J: "Stainless steel is extremely strong. If you have an active lifestyle, you should have some stainless steel jewelry in your collection. I have a stainless steel bangle that my husband gave me for my birthday because we were going on a long adventure across the U.S. It was perfect because I didn't have to worry about chipping it, bending it, or breaking it. I didn't have to worry about the harsh winter weather.
"Brass is a metal I love working with. I was inspired to create with this metal because of our adventures—we scuba dive, we travel a lot, and we go on beach trips regularly. I had to design jewelry that was tough enough to withstand the demands of life. You don't want to worry about your jewelry because you're already so busy as it is.
"The other thing I love about brass is that it ages gracefully. Many of our clients find that their Heyjow pieces look even more gorgeous after a few years of use. Though brass is more challenging to work with as a jewelry maker, and is more expensive and harder to source than the metals you often find being used in other jewelry brands, the effort and cost is worth it. One of our frequent compliments is how long-lasting and luxurious our pieces are."
K: "Probably when you like a certain design, and want to wear it for a while. I'm allergic to the nickel and iron content in stainless steel, and it eventually tarnishes due to continued wear, but like fashion or costume jewelry, purchase if you really like the design, but be wary of the effect fast fashion has on the environment."
How do you know if a piece of jewelry is genuine? What are the things we should look out for?

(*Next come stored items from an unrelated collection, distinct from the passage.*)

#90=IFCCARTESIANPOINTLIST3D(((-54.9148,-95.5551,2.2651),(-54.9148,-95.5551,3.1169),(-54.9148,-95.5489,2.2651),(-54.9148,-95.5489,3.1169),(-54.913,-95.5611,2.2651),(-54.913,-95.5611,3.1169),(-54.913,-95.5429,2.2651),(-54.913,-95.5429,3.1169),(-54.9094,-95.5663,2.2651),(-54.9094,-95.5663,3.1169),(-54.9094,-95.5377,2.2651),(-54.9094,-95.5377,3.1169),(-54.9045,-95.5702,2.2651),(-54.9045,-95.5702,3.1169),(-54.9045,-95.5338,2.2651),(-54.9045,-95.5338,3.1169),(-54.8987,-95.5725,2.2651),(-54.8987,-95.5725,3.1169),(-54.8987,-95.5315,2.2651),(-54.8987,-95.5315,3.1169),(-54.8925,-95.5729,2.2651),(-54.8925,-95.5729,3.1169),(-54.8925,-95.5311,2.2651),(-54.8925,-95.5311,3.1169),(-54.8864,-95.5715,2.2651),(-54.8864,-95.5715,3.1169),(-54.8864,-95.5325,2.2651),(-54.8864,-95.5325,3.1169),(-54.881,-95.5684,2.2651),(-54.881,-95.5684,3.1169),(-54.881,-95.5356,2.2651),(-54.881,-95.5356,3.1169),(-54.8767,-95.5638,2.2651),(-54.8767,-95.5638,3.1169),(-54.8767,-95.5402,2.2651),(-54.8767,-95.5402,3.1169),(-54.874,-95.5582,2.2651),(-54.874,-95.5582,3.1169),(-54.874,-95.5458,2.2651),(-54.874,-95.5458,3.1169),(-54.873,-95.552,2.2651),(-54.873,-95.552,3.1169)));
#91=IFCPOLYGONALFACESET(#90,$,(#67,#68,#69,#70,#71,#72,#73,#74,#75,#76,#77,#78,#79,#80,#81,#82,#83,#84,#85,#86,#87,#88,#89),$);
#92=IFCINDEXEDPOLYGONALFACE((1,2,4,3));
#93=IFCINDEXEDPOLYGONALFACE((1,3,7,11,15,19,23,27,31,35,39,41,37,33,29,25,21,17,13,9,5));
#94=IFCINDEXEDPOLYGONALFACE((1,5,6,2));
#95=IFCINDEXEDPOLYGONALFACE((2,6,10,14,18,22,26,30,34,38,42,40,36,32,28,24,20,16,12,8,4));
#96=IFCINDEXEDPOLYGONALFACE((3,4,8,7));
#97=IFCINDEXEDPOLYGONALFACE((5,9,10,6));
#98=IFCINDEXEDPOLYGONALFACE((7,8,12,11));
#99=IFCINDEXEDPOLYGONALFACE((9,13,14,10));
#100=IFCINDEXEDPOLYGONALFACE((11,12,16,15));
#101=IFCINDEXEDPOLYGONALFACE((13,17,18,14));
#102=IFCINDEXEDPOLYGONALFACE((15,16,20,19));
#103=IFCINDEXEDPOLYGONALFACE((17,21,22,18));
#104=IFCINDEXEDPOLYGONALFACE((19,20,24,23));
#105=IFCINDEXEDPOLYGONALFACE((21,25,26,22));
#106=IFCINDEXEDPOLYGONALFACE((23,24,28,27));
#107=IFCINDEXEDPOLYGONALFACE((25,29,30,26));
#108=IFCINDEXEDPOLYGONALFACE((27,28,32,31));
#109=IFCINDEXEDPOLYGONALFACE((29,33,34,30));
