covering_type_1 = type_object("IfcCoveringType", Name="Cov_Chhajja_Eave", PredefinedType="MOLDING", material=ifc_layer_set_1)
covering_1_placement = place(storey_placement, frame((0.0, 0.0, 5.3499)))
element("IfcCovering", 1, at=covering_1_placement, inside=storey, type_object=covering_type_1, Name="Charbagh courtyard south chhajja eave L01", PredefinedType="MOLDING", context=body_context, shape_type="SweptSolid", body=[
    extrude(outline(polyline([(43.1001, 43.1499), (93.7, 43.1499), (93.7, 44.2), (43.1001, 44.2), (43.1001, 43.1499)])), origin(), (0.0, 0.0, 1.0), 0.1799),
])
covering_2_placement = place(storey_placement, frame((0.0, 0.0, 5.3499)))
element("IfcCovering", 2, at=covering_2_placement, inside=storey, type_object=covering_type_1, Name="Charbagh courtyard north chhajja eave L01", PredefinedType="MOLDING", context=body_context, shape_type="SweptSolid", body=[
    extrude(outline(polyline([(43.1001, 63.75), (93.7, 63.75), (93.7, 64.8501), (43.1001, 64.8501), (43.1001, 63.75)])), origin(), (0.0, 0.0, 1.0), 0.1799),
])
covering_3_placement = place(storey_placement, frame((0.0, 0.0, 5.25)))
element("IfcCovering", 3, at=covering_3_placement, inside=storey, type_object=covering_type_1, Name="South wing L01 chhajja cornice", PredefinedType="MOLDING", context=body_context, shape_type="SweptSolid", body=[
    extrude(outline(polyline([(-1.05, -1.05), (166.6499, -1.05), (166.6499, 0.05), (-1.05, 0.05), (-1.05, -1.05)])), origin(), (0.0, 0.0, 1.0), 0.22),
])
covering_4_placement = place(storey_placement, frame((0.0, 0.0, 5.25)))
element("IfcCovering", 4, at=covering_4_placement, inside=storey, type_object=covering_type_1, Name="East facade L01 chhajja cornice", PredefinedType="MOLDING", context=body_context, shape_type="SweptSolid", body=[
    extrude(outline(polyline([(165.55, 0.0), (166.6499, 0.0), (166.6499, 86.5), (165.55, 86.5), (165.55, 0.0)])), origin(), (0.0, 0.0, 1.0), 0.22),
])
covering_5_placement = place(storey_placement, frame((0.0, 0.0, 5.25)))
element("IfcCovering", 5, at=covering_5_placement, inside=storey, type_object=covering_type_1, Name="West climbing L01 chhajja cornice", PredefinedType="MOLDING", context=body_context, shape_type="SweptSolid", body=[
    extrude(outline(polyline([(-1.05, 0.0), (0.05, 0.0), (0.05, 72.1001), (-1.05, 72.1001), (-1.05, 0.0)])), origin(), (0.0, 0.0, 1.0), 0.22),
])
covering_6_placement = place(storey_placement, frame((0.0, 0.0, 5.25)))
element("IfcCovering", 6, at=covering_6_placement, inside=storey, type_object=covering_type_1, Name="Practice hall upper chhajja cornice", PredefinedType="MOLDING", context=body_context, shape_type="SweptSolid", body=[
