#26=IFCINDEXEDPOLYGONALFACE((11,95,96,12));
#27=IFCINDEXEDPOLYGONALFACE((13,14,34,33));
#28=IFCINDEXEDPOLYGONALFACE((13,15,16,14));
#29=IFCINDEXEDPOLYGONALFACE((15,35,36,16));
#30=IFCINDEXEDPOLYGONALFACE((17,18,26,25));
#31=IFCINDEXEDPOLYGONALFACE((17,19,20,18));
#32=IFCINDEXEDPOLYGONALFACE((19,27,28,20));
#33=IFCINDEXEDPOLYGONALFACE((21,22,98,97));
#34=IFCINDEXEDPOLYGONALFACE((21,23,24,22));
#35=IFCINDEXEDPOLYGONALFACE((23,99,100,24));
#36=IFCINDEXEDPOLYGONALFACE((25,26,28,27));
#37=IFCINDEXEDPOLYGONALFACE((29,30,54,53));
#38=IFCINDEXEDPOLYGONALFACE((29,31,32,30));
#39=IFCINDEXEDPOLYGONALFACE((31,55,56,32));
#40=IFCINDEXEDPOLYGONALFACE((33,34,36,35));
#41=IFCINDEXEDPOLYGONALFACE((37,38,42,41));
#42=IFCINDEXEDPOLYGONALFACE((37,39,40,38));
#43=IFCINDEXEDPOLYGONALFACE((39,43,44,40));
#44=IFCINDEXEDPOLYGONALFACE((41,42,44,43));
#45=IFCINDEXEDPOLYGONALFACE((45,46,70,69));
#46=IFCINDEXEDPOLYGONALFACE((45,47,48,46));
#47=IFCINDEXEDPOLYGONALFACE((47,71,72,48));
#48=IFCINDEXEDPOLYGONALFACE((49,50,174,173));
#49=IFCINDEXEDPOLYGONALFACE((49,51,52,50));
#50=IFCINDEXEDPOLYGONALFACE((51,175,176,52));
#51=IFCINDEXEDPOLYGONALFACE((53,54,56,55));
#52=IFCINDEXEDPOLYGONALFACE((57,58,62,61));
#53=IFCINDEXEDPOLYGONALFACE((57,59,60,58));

J: "Buying from a reputable jewelry maker is the first step to ensuring you're getting what you pay for. It's the only practical way you can make sure that your piece is legit. Other than that, look for unusual signs of discoloring because this might point to a chemical reaction that's uncharacteristic of the metal you're interested in. For instance, gold doesn't rust. So if there is rust (ferric oxide), then it can be indicative that what you're looking at is not pure gold, or at least not a well-alloyed gold. For hard precious metals like platinum, look for big chips and dents in the metal because hard metals are difficult to damage.
"There are chemical tests to see what type of metal a piece of jewelry contains, but these tests often require training and expertise in metallurgy and I'm not sure if the seller will be able to give you permission to do them before buying the piece because of the potential damage the test can cause to the item.
"If you're going to be buying a very expensive piece, consider spending a little bit more and hire a professional third-party jeweler for the day. Ask the pro to go with you and help you verify the authenticity of the item you're buying."
K: "A good and easy way to identify jewelry would be to check for markings to be certain of its metal type. Sterling silver will be marked with a '925' or the word 'sterling.' Gold jewelry should be marked with the karat or purity of the gold. Look for 18k gold, which is 75% pure, 14k gold, which is 58% pure or 10k gold, which is 42% pure."
How should you take care of your demi-fine jewelry pieces to make them last a long time?
J: "Metals in demi-fine jewelry often won't be as strong as stainless steel or platinum. My rule of thumb for a conservative approach: Handle them similarly to your fine yellow gold jewelry, which are a lot of times softer and more delicate than the metals found in demi-fine jewelry. Also, avoid putting your jewelry alongside abrasives so they don't get surface scratches. You can clean them with a slightly damp cloth once in a while, and whenever they get in contact with sweat. With your semi-precious stones, avoid dropping them or hitting them against hard objects because with enough force, they may crack or chip."
K: "A simple way to take care of demi-fine jewelry at home would be to pour some warm water in a small bowl, and add some mild dishwashing soap. Dip a soft, lint-free cloth in the soapy water, and then gently wipe the jewelry with the damp cloth until the piece is clean. Air dry your jewelry overnight before you put it away. Excessive moisture when stored can lead to jewelry that is corroded and tarnished."